Chlamydastis disticha

Scientific classification
- Kingdom: Animalia
- Phylum: Arthropoda
- Clade: Pancrustacea
- Class: Insecta
- Order: Lepidoptera
- Family: Depressariidae
- Genus: Chlamydastis
- Species: C. disticha
- Binomial name: Chlamydastis disticha (Meyrick, 1916)
- Synonyms: Agriophara disticha Meyrick, 1916;

= Chlamydastis disticha =

- Authority: (Meyrick, 1916)
- Synonyms: Agriophara disticha Meyrick, 1916

Species of moth

Chlamydastis disticha is a moth of the family Depressariidae. It is found in French Guiana and Colombia.
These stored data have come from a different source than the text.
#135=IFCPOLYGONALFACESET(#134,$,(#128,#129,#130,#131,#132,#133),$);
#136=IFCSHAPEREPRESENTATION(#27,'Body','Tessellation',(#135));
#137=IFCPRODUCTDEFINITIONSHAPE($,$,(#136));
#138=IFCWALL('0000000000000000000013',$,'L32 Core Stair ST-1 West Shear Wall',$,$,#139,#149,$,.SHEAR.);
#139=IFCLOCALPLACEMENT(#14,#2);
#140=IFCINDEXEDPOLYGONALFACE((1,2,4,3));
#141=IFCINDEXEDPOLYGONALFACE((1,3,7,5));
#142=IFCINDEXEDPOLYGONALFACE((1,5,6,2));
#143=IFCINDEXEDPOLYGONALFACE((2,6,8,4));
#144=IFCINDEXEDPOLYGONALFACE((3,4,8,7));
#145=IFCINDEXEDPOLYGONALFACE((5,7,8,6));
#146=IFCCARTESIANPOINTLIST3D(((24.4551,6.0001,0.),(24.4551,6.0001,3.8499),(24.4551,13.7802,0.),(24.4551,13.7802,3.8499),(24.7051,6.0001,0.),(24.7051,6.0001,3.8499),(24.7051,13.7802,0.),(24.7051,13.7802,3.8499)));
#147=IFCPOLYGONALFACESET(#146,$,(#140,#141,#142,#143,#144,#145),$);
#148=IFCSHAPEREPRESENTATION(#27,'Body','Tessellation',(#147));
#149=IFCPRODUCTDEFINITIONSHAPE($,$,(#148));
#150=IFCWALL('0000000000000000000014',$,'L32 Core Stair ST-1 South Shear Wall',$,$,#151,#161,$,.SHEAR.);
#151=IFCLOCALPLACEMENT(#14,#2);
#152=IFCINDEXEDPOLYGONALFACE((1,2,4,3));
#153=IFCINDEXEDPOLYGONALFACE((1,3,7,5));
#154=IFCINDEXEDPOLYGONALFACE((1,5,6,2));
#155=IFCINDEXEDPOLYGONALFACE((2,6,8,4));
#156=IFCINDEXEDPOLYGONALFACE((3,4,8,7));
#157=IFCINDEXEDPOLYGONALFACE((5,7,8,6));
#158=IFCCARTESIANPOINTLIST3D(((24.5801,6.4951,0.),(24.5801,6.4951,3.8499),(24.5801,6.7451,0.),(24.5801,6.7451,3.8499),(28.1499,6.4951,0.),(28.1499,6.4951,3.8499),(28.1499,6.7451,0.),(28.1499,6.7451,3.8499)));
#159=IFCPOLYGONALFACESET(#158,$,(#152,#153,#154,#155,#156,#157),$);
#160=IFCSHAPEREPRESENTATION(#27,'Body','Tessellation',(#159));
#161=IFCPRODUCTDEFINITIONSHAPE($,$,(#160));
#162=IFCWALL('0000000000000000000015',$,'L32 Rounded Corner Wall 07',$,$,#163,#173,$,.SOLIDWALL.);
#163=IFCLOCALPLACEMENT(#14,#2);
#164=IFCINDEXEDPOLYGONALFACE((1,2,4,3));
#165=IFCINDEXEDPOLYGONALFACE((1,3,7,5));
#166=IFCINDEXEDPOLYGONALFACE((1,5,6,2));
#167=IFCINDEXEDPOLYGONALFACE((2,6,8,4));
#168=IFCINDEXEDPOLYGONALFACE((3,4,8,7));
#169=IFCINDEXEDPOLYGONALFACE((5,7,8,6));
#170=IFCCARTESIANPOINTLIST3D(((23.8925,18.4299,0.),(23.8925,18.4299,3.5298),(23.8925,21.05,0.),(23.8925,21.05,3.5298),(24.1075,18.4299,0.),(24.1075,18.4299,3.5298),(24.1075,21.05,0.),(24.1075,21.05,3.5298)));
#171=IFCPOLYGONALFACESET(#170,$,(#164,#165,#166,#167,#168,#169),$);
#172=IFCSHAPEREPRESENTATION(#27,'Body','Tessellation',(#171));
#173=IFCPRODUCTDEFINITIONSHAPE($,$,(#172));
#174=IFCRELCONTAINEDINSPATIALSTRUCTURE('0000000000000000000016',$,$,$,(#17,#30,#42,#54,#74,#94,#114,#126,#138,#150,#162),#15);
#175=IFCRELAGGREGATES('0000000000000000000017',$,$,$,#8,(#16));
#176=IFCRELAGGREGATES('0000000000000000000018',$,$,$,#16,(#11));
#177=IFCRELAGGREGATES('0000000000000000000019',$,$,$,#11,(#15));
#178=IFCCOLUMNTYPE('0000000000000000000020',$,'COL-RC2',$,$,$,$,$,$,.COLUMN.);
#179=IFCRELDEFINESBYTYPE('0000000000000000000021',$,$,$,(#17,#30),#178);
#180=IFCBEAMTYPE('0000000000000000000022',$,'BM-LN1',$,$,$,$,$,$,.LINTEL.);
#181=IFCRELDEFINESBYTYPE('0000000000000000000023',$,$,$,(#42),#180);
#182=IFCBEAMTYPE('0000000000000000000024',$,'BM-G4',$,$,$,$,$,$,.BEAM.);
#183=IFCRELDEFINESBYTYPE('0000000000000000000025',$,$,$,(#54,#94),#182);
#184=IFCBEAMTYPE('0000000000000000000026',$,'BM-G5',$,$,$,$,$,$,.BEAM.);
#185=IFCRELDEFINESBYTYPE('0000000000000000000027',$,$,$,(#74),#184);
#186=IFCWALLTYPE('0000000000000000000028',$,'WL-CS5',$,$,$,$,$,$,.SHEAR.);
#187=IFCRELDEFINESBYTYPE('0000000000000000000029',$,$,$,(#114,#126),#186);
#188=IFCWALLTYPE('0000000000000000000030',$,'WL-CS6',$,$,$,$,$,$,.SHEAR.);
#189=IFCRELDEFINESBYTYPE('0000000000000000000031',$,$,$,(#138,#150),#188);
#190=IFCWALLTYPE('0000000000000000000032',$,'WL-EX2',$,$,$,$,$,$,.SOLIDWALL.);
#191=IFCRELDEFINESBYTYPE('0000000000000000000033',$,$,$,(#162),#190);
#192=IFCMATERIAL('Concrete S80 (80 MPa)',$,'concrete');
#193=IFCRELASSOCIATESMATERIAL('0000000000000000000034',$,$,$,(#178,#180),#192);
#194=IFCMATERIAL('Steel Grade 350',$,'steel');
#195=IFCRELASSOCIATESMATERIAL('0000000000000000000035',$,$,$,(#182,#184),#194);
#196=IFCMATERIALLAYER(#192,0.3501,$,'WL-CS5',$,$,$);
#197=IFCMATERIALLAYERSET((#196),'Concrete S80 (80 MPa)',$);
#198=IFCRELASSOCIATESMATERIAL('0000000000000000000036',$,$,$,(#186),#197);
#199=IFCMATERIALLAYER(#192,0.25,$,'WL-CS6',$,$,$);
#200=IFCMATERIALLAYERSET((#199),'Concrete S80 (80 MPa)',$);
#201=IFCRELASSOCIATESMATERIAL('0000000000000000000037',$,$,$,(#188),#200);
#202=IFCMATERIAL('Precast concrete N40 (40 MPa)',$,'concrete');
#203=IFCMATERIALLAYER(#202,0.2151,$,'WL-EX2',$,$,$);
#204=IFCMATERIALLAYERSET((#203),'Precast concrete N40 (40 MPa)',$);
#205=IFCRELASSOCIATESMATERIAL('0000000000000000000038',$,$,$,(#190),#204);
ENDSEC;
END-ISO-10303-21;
The wingspan is about 15 mm. The forewings are brown, with violet reflections and with some white suffusion towards the base of the costa, as well as two indistinct darker transverse lines mixed with blackish specks, the first at two-fifths, curved and rather oblique, the second from three-fifths of the costa to the dorsum before the tornus, strongly curved. There are also two small spots of raised dark grey and black scales on the angles of the cell and a curved shade of dark brown suffusion near the posterior part of the costa and termen. The hindwings are blackish-grey.